A past member of the
UK’s monetary policy committee once told me that they got much more
intelligent questions from committees of the House of Lords compared
to committees of the House of Commons. This should not be too
surprising, as there are some people with considerable knowledge and
experience in the Lords.
Below is an excerpt
from the conclusions
of a recent Lords EU Committee Report (HT Frances Coppola)

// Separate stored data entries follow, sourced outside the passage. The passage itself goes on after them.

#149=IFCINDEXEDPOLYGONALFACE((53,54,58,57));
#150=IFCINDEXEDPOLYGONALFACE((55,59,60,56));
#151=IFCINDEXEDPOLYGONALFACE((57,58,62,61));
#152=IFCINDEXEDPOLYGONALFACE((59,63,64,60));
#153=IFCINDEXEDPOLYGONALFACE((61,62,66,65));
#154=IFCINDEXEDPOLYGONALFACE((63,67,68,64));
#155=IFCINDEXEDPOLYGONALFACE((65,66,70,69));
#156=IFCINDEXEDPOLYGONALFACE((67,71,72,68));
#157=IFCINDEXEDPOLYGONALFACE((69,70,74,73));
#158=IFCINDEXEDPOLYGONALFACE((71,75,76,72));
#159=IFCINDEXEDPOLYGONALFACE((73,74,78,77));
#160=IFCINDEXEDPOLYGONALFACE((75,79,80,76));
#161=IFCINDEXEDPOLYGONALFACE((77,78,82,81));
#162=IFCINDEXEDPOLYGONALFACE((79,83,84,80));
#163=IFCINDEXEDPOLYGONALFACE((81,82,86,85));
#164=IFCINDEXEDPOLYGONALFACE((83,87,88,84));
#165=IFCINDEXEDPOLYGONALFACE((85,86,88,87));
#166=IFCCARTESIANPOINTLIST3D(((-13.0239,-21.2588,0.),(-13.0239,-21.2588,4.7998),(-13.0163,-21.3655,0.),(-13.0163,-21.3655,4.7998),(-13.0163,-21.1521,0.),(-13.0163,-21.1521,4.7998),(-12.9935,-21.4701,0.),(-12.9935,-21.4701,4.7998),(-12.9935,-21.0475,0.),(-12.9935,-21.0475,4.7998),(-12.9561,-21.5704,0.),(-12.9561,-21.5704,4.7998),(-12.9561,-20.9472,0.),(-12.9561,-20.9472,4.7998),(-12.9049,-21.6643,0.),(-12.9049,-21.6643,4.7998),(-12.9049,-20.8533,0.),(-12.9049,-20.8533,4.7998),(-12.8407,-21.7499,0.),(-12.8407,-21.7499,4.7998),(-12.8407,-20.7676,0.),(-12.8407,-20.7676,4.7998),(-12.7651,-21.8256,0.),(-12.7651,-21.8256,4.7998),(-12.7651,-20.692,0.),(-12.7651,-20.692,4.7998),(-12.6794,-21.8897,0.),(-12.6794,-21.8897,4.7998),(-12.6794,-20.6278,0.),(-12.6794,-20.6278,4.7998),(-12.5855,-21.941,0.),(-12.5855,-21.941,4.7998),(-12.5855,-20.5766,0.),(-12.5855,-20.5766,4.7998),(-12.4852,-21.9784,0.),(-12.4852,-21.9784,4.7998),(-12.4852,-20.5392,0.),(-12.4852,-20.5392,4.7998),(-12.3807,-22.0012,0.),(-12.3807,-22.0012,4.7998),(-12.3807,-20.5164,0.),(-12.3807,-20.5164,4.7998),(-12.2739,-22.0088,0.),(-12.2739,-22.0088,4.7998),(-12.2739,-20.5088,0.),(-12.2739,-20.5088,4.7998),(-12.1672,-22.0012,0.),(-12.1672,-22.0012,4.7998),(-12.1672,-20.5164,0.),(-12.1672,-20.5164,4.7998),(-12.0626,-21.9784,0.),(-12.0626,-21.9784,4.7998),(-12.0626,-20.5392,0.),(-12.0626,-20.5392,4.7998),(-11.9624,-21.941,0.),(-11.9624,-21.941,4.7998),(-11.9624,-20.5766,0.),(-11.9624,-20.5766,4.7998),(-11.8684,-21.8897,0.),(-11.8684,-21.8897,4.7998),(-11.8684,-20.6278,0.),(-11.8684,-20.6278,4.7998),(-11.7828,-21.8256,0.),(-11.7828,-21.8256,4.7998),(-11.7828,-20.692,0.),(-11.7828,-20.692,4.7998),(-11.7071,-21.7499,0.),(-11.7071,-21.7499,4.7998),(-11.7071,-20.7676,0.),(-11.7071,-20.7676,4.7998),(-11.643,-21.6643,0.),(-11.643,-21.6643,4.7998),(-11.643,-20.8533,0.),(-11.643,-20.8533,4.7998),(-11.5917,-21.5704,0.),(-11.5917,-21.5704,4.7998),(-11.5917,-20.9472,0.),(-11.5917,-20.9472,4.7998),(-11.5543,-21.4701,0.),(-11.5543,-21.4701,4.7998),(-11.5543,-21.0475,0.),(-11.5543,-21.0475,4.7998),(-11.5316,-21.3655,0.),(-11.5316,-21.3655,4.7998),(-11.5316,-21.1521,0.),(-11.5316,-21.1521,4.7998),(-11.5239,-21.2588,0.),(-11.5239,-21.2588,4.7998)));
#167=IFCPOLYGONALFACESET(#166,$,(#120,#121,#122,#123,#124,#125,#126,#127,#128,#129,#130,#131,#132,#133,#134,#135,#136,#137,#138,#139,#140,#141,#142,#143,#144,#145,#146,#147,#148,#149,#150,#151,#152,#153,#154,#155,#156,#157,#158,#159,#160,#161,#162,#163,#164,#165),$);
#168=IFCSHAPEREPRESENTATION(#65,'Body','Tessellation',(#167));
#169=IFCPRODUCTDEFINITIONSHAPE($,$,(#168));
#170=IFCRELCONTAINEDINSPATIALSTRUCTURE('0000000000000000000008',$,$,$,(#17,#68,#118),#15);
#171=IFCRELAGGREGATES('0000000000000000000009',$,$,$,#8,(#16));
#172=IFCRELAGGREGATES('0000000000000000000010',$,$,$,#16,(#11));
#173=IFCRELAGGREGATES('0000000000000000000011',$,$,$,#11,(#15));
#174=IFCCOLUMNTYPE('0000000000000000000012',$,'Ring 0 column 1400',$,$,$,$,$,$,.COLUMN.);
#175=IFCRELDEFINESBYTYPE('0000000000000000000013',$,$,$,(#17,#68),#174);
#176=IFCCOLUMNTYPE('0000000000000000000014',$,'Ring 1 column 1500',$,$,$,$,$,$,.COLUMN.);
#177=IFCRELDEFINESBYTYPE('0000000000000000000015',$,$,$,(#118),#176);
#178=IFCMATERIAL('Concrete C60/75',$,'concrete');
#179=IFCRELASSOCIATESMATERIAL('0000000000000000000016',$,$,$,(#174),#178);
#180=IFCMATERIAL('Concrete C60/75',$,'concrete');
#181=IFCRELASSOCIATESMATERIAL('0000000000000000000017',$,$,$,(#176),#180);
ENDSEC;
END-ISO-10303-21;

“The notion that a country can have complete regulatory sovereignty while engaging in comprehensive free trade with partners is based on a misunderstanding of the nature of free trade. Modern FTAs involve extensive regulatory harmonisation in order to eliminate non-tariff barriers, and surveillance and dispute resolution arrangements to monitor and enforce implementation. The liberalisation of trade thus requires states to agree to limit the exercise of their sovereignty. The four frameworks considered in this report all require different trade-offs between market access and the exercise of sovereignty. As a general rule, the deeper the trade relationship, the greater the loss of sovereignty.”
There you have, in
one calm and measured paragraph, the contradiction at the heart of
the argument put forward
by Liam Fox and others that leaving the EU will allow the UK to
become a ‘champion of free trade’. You cannot be a champion of
free trade, and have sovereignty in the form of taking back control.
It is not a
contradiction, of course, if you are happy to accept the regulatory
standards of the US, China or India. That appears to be the position
of Leave leaders like MP Jacob Rees Mogg. Ellie Mae O’Hagan spells
out what this may mean in practice. Lead in toys - bring them in so
we can sign a trade agreement with China. And you can be sure that
this will be the nature of the discussion every time a trade deal is
signed. In each case we will be told that we have to accept this drop
in regulatory standards, because British export jobs are on the line.
This is the point of
Dani Rodrik’s famous impossible trilemma:
you cannot have all three of the nation state, democratic politics
and deep economic integration (aka free trade). His trilemma
replaces sovereignty, by which in meant in this context the nation
state being able to do what it likes, by democracy. In the past I
have always found this problematic. Surely a democracy can decide to
give away a bit of its sovereignty in return for the benefits of
international cooperation (in the form of trade deals, or indeed any
other kind of international cooperation). After all, every adult in a
relationship knows that this relationship means certain restrictions
on doing just what they would like.
At first sight, it
would seem as if the Brexit vote shows Rodrik is right. Democracy
voted to take back control, which means reducing trade integration.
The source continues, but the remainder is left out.